If I use sourceCharset="ISO-8859-1" everything works fine.

essiembre commented 8 years ago

Haaa... I see what causes this. When using "pre-parse handlers", you have to be careful to account for files that are not text-based. In your case, since you want to deal with HTML files only, I suggest you restrict to just those files using the restricTo tag. But I did found a real bug with it dropping <stripBetween> tags you have, sharing the same <start> tag as another one. This is fixed in an Importer snapshot release I just made.

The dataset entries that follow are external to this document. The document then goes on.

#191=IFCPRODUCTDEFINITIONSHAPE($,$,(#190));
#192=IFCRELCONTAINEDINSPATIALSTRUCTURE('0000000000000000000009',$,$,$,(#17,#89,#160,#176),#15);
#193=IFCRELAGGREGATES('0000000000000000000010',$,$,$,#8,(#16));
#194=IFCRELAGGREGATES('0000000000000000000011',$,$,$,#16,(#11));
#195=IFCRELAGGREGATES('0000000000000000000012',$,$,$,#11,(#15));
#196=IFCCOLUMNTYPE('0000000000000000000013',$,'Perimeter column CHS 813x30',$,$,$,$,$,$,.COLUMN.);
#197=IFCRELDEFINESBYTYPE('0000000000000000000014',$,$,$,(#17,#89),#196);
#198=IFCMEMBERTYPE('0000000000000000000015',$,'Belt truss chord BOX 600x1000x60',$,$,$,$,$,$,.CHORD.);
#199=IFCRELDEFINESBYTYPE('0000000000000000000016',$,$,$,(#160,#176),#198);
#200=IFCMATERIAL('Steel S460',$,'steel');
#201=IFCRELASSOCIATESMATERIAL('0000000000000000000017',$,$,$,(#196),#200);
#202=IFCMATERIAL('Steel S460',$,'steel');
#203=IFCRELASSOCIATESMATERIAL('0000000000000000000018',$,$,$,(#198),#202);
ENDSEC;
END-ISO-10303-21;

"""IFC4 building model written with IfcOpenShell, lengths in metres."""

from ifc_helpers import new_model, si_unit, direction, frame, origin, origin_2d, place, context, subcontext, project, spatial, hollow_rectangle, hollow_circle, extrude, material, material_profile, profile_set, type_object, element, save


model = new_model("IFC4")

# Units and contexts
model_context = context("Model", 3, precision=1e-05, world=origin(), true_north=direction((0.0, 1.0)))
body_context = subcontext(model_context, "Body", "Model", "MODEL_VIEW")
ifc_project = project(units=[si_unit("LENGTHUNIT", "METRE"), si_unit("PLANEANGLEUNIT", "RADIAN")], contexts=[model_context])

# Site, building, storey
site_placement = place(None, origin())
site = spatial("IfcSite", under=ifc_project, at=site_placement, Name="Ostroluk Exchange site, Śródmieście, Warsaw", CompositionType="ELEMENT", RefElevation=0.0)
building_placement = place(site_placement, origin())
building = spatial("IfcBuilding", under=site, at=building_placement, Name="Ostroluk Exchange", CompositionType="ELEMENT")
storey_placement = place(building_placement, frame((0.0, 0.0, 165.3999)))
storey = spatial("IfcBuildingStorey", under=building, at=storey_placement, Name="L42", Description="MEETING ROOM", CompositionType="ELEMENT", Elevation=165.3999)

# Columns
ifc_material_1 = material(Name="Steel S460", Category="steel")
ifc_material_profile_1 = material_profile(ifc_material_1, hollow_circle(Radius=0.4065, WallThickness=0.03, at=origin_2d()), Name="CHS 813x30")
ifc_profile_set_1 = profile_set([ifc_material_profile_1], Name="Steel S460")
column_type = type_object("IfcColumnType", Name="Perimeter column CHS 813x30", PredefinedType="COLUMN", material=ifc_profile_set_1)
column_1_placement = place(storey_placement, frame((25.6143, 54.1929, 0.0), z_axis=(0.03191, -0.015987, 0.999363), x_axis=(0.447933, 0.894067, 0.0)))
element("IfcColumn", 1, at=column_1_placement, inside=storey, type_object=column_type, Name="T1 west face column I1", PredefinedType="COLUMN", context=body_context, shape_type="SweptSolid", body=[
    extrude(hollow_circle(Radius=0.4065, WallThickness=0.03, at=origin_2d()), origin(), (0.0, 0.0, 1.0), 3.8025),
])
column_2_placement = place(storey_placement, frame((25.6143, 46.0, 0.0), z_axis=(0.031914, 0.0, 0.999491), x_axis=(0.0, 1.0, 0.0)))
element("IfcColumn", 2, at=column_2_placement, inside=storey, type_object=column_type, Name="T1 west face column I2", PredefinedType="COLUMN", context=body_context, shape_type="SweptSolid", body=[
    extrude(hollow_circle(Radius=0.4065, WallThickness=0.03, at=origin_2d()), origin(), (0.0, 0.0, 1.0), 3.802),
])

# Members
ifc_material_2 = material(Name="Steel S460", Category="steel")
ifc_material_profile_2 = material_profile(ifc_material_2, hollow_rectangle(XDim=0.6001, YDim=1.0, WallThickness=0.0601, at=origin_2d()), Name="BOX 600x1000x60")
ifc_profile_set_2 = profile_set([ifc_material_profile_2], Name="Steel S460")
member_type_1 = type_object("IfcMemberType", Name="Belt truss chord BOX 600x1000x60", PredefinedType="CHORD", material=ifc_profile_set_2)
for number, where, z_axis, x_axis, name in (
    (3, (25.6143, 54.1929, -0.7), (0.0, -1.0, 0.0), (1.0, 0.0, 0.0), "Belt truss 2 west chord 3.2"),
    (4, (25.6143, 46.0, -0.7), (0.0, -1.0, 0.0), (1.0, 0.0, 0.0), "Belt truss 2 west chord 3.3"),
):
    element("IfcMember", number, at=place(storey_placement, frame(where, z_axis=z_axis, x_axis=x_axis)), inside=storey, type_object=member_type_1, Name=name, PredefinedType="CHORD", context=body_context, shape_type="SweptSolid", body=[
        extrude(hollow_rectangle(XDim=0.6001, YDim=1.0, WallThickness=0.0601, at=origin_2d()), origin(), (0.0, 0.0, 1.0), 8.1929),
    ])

All in all, this should work for you now (a bit more elegant, and only dealing with HTML):

    <preParseHandlers>
      <transformer class="com.norconex.importer.handler.transformer.impl.StripBetweenTransformer" inclusive="true">
        <stripBetween>
          <start><![CDATA[<body>]]></start>
          <end><![CDATA[<!-- START -->]]></end>
        </stripBetween>
        <stripBetween>
          <start><![CDATA[<!-- END -->]]></start>
          <end><![CDATA[<!-- START -->]]></end>
        </stripBetween>
        <stripBetween>
          <start><![CDATA[<!-- END -->]]></start>
          <end><![CDATA[</body>]]></end>
        </stripBetween>
        <restrictTo field="document.contentType">text/html</restrictTo>
      </transformer> 

    </preParseHandlers>

Please give it a try by replacing the norconex-importerXXX.jar you have under lib with the snapshot found in the link above and confirm. If all works fine for you I will make it an actual Importer release with the fix.

essiembre commented 8 years ago

FYI, I just updated the importer snapshot release to now log a warning if the character encoding cannot be detected when using character-based transformers. With the importer module, if a charset cannot be detected, it more than likely means you are dealing with a binary file. The warning will highlight this, and suggest options, making it easier to troubleshoot.

V3RITAS commented 8 years ago

Hi Pascal,

I've changed my pre parse handler config according to your proposal and replaced the norconex-importerXXX.jar with the one from the snapshot. Works perfectly and exactly how I need it. :)

I also checked your warning message by removing the restrictTo tag and it also works fine.

I guess this ticket can be marked as closed now. Thank you very much for your great support!

essiembre commented 8 years ago

Thanks for confirming! Importer 2.5.1 has just been formally released.